Question

How many of the integers that satisfy the inequality \[\dfrac{{\left( {x + 2} \right)\left( {x + 3} \right)}}{{x - 2}} \geqslant \;0\] are less than \[5\] ?
A. \[1\]
B. \[2\]
C. \[3\]
D. \[4\]
E. \[5\]

Answer 1

Hint:In the above given question, we are given an inequality written as \[\dfrac{{\left( {x + 2} \right)\left( {x + 3} \right)}}{{x - 2}} \geqslant \;0\] . We have to find how many integers which are less than \[5\] can satisfy the given inequality. In order to approach the solution, first we have to find the values of \[x\] for which the inequality gives us the value equal to zero. After that we can find the remaining values of \[x\] , which are less than \[5\] , for which the inequality is greater than zero.

Complete step by step answer:
Given that, the inequality which is written as,
\[ \Rightarrow \dfrac{{\left( {x + 2} \right)\left( {x + 3} \right)}}{{x - 2}} \geqslant \;0\]
We have to find \[x \in \mathbb{Z}\] such that \[x < 5\] .
Now, let us consider the inequality when it is equal to zero.
Therefore, we have the equation
\[ \Rightarrow \dfrac{{\left( {x + 2} \right)\left( {x + 3} \right)}}{{x - 2}} = \;0\]
Multiplying both sides by \[\left( {x - 2} \right)\] , we get
\[ \Rightarrow \left( {x + 2} \right)\left( {x + 3} \right) = \;0\]
This is only possible when \[x = - 2\] or \[x = - 3\] .

Now, let us consider the inequality only considering it greater than zero.That gives us the inequality as,
\[ \Rightarrow \dfrac{{\left( {x + 2} \right)\left( {x + 3} \right)}}{{x - 2}} > 0\]
The inequality is greater than zero only if both the numerator and denominator are either positive or negative.Now, the numerator is only positive when \[x > - 1\]. And the denominator is only positive when \[x > 2\]. But it is given that \[x < 5\].
Hence, we have \[ - 1 < 2 < x < 5\]
This gives the possible values for \[x \in \mathbb{Z}\] as \[x = 3\] and \[x = 4\] .
Therefore, we have the values of \[x \in \mathbb{Z}\] for \[x < 5\] as \[x = - 2, - 3,3,4\] .
Hence, there are four integers less than \[5\] which satisfy the given inequality.

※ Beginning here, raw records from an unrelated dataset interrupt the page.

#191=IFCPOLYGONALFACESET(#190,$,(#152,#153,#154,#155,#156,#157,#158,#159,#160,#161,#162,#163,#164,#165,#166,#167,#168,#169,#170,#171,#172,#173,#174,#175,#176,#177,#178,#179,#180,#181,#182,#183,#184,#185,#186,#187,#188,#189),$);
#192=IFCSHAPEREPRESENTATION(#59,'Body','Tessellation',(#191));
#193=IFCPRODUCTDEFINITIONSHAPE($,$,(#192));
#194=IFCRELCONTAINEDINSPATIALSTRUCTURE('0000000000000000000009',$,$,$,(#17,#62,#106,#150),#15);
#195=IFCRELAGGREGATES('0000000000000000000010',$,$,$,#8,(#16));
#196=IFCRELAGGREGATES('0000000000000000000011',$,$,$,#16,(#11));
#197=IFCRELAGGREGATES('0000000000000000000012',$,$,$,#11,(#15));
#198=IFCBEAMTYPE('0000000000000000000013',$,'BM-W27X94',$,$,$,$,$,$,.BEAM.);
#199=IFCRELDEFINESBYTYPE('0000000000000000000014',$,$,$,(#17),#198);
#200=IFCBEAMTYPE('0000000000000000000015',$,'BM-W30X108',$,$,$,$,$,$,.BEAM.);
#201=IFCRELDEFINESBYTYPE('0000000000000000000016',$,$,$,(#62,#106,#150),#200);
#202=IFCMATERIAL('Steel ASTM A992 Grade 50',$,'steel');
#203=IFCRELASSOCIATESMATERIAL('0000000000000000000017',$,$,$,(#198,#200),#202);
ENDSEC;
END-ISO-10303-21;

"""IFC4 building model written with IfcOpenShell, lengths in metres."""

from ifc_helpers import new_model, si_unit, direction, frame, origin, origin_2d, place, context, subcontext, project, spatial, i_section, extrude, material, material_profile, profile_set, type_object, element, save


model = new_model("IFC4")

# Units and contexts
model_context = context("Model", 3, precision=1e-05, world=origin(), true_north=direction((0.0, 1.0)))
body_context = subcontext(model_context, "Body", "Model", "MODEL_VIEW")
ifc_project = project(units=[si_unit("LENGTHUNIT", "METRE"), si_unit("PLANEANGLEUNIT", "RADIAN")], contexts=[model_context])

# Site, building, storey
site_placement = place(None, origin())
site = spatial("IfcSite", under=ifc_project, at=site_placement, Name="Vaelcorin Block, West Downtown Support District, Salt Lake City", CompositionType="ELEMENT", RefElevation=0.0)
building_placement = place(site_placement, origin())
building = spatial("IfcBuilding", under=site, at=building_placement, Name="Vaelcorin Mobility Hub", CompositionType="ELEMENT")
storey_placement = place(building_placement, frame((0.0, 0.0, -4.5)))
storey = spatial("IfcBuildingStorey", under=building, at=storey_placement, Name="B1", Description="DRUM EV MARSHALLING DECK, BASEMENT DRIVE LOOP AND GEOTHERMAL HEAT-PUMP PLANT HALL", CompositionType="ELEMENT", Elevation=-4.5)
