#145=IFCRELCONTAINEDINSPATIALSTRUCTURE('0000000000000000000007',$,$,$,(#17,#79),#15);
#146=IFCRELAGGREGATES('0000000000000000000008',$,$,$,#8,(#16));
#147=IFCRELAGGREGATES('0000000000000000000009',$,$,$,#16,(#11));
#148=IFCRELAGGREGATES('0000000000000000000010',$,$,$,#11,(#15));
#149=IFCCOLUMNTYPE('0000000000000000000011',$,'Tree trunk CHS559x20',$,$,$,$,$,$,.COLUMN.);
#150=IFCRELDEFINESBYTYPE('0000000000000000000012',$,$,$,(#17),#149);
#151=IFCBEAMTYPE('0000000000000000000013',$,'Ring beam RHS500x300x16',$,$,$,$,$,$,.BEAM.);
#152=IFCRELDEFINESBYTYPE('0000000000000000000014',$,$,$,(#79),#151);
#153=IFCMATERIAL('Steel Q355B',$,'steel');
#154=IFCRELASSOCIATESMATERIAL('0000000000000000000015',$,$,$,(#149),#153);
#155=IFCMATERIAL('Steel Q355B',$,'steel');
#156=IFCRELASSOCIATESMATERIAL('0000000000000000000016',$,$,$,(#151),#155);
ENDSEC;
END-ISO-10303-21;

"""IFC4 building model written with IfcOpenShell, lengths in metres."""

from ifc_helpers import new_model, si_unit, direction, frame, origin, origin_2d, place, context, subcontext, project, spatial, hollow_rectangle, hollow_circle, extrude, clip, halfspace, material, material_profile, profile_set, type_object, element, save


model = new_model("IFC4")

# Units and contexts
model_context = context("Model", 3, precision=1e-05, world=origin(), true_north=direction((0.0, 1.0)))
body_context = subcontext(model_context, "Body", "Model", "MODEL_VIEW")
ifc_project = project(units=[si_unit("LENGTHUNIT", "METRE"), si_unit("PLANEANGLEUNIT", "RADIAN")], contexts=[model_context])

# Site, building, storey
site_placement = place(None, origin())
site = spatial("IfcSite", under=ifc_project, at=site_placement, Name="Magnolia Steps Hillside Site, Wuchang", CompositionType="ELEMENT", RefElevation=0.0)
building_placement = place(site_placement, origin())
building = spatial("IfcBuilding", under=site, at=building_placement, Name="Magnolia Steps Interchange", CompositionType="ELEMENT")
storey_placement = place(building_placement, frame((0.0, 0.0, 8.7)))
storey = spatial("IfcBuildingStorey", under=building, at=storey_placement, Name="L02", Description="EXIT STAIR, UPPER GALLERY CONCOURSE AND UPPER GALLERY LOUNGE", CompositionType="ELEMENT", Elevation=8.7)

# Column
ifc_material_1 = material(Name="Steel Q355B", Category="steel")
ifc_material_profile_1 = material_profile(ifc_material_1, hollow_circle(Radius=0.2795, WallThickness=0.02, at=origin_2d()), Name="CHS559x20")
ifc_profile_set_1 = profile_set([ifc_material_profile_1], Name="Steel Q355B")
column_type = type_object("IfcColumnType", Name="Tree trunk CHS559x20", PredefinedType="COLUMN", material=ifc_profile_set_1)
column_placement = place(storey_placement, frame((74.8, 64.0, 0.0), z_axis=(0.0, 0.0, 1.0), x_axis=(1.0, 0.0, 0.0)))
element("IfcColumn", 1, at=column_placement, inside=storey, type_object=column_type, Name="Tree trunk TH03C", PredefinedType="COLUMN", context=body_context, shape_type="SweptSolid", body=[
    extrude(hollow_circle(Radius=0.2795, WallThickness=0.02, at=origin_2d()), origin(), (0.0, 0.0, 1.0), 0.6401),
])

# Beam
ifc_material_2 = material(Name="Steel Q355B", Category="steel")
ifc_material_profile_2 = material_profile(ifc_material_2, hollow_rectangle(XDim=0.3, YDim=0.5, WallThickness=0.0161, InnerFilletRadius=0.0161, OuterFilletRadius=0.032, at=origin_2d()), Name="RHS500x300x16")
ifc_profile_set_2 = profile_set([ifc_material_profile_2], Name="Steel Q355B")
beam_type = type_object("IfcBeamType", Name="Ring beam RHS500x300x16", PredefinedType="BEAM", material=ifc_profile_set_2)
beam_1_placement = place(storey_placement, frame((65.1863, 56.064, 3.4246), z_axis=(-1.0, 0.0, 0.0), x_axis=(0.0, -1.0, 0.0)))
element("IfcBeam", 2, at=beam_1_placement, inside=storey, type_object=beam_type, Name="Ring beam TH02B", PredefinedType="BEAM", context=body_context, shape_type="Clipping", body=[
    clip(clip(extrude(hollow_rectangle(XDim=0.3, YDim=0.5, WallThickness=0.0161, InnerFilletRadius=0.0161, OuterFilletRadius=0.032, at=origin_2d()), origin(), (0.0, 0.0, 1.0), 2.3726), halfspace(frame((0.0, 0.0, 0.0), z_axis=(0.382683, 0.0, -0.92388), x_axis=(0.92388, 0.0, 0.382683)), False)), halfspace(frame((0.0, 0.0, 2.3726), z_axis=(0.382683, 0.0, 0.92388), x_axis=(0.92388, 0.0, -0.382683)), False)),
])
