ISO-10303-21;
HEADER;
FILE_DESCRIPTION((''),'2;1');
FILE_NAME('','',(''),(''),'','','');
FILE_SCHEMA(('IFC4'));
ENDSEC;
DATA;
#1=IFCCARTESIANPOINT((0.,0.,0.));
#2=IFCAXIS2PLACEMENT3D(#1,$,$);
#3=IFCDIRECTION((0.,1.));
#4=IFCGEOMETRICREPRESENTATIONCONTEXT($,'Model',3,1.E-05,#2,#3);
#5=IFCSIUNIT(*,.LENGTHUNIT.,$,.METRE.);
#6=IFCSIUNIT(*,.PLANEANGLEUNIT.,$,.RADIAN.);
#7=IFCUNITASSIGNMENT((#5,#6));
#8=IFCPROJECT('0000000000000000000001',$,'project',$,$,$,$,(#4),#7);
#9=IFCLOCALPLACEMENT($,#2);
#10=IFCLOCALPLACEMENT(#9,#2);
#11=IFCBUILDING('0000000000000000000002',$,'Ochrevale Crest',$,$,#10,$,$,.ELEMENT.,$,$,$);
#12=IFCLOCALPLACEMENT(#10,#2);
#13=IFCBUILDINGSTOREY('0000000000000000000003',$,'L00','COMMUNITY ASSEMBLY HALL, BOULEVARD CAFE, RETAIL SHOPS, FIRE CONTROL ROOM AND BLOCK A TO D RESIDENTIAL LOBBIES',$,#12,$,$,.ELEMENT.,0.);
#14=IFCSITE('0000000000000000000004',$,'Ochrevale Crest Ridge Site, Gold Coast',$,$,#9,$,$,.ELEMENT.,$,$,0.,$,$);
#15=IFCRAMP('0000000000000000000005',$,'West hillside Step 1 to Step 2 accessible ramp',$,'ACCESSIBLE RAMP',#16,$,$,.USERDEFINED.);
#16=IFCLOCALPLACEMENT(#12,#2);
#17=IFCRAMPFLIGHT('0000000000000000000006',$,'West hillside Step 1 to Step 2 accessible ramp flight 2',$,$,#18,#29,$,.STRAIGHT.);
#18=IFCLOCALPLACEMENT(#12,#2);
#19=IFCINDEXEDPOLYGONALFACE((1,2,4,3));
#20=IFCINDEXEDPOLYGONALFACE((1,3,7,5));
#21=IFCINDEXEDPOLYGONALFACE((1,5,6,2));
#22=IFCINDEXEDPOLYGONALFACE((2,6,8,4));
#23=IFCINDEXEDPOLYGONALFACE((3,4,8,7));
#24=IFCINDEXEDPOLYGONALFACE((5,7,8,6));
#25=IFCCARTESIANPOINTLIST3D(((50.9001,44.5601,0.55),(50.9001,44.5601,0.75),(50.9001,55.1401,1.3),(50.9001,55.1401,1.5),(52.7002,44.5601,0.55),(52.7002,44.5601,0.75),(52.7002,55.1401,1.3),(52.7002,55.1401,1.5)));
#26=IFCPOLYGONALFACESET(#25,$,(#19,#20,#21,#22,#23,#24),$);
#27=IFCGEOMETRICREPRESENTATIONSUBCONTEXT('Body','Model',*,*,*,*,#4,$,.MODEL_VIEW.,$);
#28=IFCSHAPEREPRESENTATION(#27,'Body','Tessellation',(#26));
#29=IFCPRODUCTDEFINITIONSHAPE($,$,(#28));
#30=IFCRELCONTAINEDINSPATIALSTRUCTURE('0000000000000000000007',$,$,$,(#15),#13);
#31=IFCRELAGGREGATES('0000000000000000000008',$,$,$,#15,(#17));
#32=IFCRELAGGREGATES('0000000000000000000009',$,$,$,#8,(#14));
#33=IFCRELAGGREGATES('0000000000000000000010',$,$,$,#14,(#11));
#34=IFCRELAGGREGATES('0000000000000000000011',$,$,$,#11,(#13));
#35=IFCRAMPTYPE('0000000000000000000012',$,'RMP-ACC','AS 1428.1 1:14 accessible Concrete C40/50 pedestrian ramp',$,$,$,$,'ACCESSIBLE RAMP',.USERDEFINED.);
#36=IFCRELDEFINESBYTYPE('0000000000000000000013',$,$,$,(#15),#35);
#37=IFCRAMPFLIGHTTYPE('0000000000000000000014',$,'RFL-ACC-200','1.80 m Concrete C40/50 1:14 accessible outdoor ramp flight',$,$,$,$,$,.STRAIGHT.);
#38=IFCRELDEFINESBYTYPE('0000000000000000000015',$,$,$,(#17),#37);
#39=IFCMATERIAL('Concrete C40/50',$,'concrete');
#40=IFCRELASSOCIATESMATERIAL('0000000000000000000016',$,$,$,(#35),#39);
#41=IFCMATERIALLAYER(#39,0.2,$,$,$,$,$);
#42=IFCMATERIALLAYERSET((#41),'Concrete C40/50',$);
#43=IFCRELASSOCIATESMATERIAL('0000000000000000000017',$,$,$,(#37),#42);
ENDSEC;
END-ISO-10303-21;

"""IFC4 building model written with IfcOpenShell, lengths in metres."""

from ifc_helpers import new_model, si_unit, direction, frame, origin, place, context, subcontext, project, spatial, polyline, outline, extrude, material, layer, layer_set, type_object, element, aggregate, save


model = new_model("IFC4")

# Units and contexts
model_context = context("Model", 3, precision=1e-05, world=origin(), true_north=direction((0.0, 1.0)))
body_context = subcontext(model_context, "Body", "Model", "MODEL_VIEW")
ifc_project = project(units=[si_unit("LENGTHUNIT", "METRE"), si_unit("PLANEANGLEUNIT", "RADIAN")], contexts=[model_context])

# Site, building, storey
site_placement = place(None, origin())
site = spatial("IfcSite", under=ifc_project, at=site_placement, Name="Ochrevale Crest Ridge Site, Gold Coast", CompositionType="ELEMENT", RefElevation=0.0)
building_placement = place(site_placement, origin())
building = spatial("IfcBuilding", under=site, at=building_placement, Name="Ochrevale Crest", CompositionType="ELEMENT")
storey_placement = place(building_placement, origin())
storey = spatial("IfcBuildingStorey", under=building, at=storey_placement, Name="L00", Description="COMMUNITY ASSEMBLY HALL, BOULEVARD CAFE, RETAIL SHOPS, FIRE CONTROL ROOM AND BLOCK A TO D RESIDENTIAL LOBBIES", CompositionType="ELEMENT", Elevation=0.0)

# Ramp, ramp flight
ifc_material_1 = material(Name="Concrete C40/50", Category="concrete")
ramp_type = type_object("IfcRampType", Name="RMP-ACC", Description="AS 1428.1 1:14 accessible Concrete C40/50 pedestrian ramp", ElementType="ACCESSIBLE RAMP", PredefinedType="USERDEFINED", material=ifc_material_1)
ramp_placement = place(storey_placement, origin())
ramp = element("IfcRamp", 1, at=ramp_placement, inside=storey, type_object=ramp_type, Name="West hillside Step 1 to Step 2 accessible ramp", ObjectType="ACCESSIBLE RAMP", PredefinedType="USERDEFINED")
ifc_layer_1 = layer(ifc_material_1, 0.2)
ifc_layer_set_1 = layer_set([ifc_layer_1], Name="Concrete C40/50")
ramp_flight_type = type_object("IfcRampFlightType", Name="RFL-ACC-200", Description="1.80 m Concrete C40/50 1:14 accessible outdoor ramp flight", PredefinedType="STRAIGHT", material=ifc_layer_set_1)
ramp_flight_1_placement = place(storey_placement, frame((51.8, 44.5601, 0.75), z_axis=(0.0, 0.0, 1.0), x_axis=(0.0, 1.0, 0.0)))
ramp_flight_1 = element("IfcRampFlight", 2, at=ramp_flight_1_placement, type_object=ramp_flight_type, Name="West hillside Step 1 to Step 2 accessible ramp flight 2", PredefinedType="STRAIGHT", context=body_context, shape_type="SweptSolid", body=[
    extrude(outline(polyline([(0.0, -0.2), (10.5801, 0.55), (10.5801, 0.75), (0.0, 0.0), (0.0, -0.2)])), frame((0.0, 0.8999, 0.0), z_axis=(0.0, -1.0, 0.0), x_axis=(1.0, 0.0, 0.0)), (0.0, 0.0, 1.0), 1.8),
])
aggregate(ramp, [ramp_flight_1])

save(model, "model.ifc")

So the correct option is D.

Note:The given inequality \[\dfrac{{\left( {x + 2} \right)\left( {x + 3} \right)}}{{x - 2}} \geqslant \;0\] is not defined when we take the value of \[x\] as \[x = 2\]. This is because, if we take the value \[x = 2\] , then the denominator becomes zero and the numerator is non zero. And we know that if a non zero number is divided by zero then it becomes undefined.